2. 1) Pure water; In this condition, the water is very clean that the laser can strikes through
the water bodies to the bottom surface. I set the a and b to a very low number, so the c
and wo will also become low.
2) Clear ocean (a > b); In a clear sea water condition, both a and b is bigger than those in
the pure water condition. I set the value of a to be bigger than b, it means the absorption
is dominating. In this setting, the value of c and wo are increasing.
3) Turbid water (b > a); It is a condition where the turbidity is caused by its location that
close to land or a harbor, we may assume that the b is more dominating, but I put the
value of a to be a little bit higher than the other scenario.
Table 2. Changed Input parameters
Settings a b c wo
Pure water 0.05 0.0025 0.0525 0.05
Clear ocean 0.1 0.05 0.15 0.3
Turbid water 0.5 1.75 2.25 0.8
Those parameters then were put into the java codes and then I run the command prompt.
All the results then were being plot in a graphic, as shown in Figure 1.
Figure 1. Return signal from a 10 m deep for three different settings
The shape of the return signal in Figure 1 shows that pure water and clear ocean contain
the surface reflection (the first peak), bottom reflection (second peak), and volume
backscattering signal. Different shape shown by the turbid water as its signal has never
been reflected back to the receiver after it reached the water bodies, so it only has one peak
which is representing the water surface reflection.

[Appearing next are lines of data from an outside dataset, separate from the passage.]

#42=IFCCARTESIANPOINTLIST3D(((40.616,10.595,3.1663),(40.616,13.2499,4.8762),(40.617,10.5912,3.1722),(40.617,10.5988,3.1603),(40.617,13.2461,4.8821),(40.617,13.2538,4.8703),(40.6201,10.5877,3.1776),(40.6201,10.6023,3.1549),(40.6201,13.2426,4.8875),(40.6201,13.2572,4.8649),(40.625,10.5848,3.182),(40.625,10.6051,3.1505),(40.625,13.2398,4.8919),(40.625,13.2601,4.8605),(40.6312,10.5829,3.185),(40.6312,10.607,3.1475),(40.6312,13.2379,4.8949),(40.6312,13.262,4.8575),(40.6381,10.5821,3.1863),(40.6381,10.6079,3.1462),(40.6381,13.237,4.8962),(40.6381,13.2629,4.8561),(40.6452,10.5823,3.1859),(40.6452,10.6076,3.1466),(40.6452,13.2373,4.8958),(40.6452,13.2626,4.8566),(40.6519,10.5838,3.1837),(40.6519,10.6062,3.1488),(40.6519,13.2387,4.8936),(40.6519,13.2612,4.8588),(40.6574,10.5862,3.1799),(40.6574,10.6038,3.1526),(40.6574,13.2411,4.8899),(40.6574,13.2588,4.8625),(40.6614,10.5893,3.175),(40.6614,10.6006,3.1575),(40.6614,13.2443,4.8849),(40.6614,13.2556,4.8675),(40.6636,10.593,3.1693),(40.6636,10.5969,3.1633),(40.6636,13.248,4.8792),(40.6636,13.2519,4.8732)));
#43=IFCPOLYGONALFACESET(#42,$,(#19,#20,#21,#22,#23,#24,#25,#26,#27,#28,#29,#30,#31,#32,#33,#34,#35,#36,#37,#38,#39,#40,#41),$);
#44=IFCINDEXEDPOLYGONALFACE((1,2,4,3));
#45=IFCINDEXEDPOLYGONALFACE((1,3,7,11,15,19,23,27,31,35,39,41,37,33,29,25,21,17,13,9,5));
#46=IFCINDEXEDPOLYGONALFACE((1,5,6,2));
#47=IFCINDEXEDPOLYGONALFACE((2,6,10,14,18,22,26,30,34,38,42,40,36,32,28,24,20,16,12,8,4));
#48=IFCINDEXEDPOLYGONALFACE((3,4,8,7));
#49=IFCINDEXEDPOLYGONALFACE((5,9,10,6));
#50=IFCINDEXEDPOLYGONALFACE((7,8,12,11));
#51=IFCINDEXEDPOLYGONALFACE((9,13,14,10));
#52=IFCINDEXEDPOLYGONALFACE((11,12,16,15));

As the beam attenuation coefficient c are getting bigger, which means the water is
getting more turbid, the received surface reflection signals are getting stronger. It happened
since more turbid water have more scattering particles, even in the surface layer, so there
would be more photons that are forced to travel back to the receiver right after they reach
the water surface. For the turbid water scenario, as we can see, it was so turbid that the
photons tend to be scattered back to the receiver when it reached the water surface with
even stronger signal compared to the other two water conditions.

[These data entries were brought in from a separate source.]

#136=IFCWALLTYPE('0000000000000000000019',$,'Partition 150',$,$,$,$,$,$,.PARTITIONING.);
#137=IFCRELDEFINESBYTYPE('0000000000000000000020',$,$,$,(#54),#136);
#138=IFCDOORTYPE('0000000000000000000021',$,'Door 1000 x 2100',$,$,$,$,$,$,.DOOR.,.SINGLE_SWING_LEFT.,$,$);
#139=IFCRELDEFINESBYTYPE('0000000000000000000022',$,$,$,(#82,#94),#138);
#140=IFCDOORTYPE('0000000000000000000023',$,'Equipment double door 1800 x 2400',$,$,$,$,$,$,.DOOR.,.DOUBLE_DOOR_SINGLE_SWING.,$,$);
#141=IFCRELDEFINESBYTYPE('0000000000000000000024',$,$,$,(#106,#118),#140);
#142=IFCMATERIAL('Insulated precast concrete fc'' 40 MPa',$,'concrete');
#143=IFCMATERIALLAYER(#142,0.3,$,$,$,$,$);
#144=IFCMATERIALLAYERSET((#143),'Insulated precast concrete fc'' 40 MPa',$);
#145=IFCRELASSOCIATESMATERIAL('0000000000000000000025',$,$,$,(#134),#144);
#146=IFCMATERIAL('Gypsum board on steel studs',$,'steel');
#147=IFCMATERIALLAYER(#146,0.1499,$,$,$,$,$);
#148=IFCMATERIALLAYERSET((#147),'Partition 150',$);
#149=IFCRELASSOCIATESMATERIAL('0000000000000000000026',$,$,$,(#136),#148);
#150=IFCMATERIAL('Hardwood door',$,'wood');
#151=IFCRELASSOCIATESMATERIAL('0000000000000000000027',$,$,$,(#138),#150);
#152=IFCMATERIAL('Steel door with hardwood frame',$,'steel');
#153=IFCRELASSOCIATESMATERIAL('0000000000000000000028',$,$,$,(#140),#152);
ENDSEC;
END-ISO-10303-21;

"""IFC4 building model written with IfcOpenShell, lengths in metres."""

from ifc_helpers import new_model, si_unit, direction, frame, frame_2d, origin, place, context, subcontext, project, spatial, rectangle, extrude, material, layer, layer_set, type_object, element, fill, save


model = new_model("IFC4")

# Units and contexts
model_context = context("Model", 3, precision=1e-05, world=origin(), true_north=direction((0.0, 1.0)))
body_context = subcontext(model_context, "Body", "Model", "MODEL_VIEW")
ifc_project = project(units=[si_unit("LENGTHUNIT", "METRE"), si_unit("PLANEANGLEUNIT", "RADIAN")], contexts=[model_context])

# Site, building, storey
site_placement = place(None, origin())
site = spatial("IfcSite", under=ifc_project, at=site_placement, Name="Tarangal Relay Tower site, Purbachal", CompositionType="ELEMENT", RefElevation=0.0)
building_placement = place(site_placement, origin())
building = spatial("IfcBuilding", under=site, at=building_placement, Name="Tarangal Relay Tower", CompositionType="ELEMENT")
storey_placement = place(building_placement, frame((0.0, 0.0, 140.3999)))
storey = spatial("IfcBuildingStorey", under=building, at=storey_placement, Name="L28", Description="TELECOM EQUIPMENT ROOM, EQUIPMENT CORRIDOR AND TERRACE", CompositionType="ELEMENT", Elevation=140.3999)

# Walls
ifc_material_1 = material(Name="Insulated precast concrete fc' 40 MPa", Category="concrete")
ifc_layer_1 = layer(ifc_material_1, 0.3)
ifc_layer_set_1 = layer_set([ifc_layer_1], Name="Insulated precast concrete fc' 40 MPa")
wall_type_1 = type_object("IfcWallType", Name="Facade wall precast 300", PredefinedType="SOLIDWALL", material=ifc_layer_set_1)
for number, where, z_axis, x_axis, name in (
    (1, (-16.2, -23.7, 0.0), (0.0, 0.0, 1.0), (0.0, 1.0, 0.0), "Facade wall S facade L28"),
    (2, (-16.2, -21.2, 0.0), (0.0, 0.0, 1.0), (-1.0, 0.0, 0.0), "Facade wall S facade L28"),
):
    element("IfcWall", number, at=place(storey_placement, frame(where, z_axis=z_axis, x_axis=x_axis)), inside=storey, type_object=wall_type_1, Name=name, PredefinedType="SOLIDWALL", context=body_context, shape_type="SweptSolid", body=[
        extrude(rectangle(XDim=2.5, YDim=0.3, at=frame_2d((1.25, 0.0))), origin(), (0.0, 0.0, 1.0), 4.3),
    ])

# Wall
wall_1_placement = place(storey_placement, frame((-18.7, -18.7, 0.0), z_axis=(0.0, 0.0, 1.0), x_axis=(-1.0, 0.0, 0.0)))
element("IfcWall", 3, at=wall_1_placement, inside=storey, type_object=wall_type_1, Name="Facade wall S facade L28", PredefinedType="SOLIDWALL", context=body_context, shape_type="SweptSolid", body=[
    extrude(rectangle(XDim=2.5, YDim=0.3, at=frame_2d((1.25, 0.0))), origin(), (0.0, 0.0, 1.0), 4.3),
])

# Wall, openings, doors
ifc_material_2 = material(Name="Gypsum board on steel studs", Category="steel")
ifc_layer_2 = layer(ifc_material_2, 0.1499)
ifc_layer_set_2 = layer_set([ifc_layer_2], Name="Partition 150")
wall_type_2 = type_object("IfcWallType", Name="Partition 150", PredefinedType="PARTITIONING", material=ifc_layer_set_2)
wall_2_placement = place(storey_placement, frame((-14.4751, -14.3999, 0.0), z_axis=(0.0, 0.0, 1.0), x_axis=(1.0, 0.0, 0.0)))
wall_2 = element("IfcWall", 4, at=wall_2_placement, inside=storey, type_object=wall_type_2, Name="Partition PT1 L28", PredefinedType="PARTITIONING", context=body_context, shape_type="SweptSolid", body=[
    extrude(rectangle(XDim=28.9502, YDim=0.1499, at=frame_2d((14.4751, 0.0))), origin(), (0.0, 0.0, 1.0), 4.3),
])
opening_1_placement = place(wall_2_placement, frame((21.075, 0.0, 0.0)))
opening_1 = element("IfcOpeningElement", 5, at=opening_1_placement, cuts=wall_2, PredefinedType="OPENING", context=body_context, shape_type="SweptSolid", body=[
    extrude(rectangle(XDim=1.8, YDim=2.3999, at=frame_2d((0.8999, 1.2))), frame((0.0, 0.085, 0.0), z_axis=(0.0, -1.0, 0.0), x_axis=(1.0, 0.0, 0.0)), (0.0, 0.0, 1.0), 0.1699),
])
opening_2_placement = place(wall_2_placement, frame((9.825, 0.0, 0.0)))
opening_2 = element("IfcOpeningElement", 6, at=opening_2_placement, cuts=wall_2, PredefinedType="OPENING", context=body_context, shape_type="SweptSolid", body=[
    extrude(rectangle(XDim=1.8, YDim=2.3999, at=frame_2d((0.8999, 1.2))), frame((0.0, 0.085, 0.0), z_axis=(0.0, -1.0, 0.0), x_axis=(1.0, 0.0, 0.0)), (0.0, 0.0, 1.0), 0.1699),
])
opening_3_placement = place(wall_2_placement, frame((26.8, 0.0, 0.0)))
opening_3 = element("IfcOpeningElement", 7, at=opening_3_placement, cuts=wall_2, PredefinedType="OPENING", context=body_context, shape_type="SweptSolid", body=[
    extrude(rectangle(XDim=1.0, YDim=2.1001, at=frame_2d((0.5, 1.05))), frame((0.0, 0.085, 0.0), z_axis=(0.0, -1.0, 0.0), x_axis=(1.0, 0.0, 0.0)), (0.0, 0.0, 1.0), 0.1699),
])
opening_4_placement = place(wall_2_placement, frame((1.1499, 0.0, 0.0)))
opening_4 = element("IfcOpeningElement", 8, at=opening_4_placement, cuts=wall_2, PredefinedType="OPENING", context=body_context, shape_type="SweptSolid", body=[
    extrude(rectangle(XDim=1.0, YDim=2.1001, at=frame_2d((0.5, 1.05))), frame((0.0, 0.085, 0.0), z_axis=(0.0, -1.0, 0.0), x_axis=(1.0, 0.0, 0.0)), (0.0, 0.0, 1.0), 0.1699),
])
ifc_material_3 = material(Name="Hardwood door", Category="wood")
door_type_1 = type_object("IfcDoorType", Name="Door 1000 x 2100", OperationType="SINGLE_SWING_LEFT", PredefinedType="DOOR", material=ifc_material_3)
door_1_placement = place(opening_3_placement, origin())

Contrarily, the received bottom reflection signals are getting lower as the c value
increases. It happened since a clearer water condition has less c values which means there
were not much scattering or absorption happened. So, there were still many remaining
photons that could travel back to the receiver even after go through the water bodies.

3. It is depicted in Figure 1 that all surface reflection signals were received almost at the
same range of time. For the pure water and clear ocean, the bottom reflection received time
also the same. I think this results are representing a good capability of LiDAR depth
measurement since the length of time range are stable enough for two different water
environments, it is also a good prove for the effectiveness in using bathymetric LiDAR data.

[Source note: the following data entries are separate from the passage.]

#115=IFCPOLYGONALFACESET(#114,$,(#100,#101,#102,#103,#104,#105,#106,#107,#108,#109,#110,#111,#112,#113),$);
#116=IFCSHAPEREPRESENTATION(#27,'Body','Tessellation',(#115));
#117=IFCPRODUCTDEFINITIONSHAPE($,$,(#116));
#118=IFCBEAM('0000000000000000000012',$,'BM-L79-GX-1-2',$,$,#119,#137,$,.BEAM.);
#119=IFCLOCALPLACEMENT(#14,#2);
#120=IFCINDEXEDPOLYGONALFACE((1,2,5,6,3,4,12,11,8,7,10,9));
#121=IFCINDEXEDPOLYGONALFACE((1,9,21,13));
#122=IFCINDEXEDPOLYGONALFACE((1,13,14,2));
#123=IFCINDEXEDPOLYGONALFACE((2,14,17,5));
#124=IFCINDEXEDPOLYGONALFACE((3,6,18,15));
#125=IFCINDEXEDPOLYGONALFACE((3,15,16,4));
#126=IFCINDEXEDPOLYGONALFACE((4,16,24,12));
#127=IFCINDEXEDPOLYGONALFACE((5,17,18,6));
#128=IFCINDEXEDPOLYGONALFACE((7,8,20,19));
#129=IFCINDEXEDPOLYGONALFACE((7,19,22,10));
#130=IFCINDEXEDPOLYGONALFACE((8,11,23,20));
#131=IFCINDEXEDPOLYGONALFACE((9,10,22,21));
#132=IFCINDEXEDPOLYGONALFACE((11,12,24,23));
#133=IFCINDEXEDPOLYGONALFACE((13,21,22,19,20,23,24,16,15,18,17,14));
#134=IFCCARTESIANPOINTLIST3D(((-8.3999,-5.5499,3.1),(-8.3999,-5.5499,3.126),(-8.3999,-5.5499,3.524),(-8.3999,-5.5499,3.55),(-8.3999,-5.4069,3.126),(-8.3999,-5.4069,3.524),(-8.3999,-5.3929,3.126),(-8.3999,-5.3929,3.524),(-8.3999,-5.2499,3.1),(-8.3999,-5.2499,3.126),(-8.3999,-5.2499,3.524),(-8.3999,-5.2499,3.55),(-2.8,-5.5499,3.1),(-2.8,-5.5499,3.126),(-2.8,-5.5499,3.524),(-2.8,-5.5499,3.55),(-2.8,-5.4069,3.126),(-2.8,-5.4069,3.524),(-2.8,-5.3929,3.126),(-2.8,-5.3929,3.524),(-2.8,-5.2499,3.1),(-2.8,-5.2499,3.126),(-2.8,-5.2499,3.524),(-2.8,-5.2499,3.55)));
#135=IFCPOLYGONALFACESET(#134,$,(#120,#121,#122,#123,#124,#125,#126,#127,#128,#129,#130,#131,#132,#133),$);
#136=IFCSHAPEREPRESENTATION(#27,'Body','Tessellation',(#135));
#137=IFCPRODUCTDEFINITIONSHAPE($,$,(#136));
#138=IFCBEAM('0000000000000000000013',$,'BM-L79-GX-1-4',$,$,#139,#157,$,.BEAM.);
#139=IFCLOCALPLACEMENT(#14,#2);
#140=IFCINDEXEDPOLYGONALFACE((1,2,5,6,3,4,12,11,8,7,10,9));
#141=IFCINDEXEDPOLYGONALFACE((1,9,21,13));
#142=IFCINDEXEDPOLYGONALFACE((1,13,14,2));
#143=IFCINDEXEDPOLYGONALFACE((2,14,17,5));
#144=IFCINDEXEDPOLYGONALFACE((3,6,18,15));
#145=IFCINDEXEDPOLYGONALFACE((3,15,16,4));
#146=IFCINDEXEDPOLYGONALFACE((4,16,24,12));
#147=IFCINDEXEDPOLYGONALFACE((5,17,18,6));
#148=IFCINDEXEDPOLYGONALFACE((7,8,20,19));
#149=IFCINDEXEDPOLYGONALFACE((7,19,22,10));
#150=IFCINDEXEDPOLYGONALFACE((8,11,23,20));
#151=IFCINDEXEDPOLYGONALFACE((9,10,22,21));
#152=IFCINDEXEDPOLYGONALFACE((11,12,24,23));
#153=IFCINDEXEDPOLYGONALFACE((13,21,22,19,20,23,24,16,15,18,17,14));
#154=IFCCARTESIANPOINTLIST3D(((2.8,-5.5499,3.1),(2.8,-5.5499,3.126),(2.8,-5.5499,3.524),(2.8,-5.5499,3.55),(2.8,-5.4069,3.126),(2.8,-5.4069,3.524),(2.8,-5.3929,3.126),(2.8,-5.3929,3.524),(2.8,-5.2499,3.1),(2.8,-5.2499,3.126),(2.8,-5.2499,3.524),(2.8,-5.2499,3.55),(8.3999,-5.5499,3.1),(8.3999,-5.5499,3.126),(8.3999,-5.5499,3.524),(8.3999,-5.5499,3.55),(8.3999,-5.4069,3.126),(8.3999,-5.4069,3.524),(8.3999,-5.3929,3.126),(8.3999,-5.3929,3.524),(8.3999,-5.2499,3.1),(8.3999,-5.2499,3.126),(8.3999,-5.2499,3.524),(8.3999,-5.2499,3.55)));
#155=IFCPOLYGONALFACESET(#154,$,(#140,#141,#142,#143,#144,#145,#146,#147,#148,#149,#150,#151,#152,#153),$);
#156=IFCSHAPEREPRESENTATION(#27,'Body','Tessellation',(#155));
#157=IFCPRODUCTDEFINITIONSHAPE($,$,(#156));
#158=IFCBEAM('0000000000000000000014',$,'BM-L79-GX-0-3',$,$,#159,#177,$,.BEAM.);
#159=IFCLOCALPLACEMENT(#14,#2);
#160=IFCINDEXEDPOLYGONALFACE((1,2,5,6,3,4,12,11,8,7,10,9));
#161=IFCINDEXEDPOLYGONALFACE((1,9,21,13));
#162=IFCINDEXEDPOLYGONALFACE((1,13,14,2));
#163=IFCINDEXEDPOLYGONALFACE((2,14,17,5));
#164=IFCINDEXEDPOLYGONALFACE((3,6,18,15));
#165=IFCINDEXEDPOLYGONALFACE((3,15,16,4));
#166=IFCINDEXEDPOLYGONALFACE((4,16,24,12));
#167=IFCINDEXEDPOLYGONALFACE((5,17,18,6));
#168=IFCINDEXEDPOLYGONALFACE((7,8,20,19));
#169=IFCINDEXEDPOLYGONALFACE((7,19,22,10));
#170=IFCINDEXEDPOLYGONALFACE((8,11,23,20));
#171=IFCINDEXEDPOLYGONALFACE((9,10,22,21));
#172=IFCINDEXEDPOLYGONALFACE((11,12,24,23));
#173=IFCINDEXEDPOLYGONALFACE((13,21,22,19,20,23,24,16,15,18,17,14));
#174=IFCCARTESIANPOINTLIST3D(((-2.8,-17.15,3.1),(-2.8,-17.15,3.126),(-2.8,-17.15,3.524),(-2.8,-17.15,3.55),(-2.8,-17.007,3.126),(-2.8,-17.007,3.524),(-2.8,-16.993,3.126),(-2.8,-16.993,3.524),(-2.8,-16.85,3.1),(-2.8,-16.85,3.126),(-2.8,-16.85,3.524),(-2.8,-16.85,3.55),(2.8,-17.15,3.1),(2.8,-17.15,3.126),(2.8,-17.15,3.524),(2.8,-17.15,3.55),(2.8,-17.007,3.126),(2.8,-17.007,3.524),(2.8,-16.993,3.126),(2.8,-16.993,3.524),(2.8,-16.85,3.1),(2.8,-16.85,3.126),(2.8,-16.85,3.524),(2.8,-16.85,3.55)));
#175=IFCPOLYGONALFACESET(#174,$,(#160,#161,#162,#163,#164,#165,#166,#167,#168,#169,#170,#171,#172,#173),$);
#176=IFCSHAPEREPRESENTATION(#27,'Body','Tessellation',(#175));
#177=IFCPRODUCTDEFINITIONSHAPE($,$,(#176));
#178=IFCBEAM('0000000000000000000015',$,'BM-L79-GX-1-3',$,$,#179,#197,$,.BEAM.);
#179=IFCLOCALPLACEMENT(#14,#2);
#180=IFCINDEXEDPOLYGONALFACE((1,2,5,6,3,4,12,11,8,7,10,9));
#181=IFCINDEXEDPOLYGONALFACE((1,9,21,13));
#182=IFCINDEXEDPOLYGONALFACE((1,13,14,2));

Figure 2. Return signal from a 10 m deep for three different settings (in log scale)
Figure 3. Comparison of different number of photons used in turbid water scenario
The signal decreases with return time, and it exhibits an exponential decaying when the
vertical ordinate is transformed into log scale, as shown in Figure 2. For pure water and
clear ocean, their signal slowly decreased after they reached the water surface. Then they
suddenly increased to the highest peak as they reached the bottom, but then slowly
decreased with a steeper gradient. For turbid water, the signal reached the highest peak
when it hit the water surface, then exponentially decreased to the lowest value compared to
those in other two water scenario. It decreased steeply so that it didn’t even reach the
maximum limit of time (3000 ns).
As we could see in Figure 1, not much noises were found. Each of those pure water and
clear ocean signals have a good converge peak shape. It could be assumed that the number
of photons used in these scenario is appropriate enough in taking the work these 10-meter
depth simulation simulating the scenario that I have made. I also compare the result in using
different number of photons of turbid water as shown in Figure 3, the 1x106
photons has
less noise than other bigger (5x106
) or smaller (1x105
) number. As I have explained before,
I assume that the bathymetry airborne LiDAR is not suggested for shallow (±10 m) and
turbid ocean bathymetric measurements.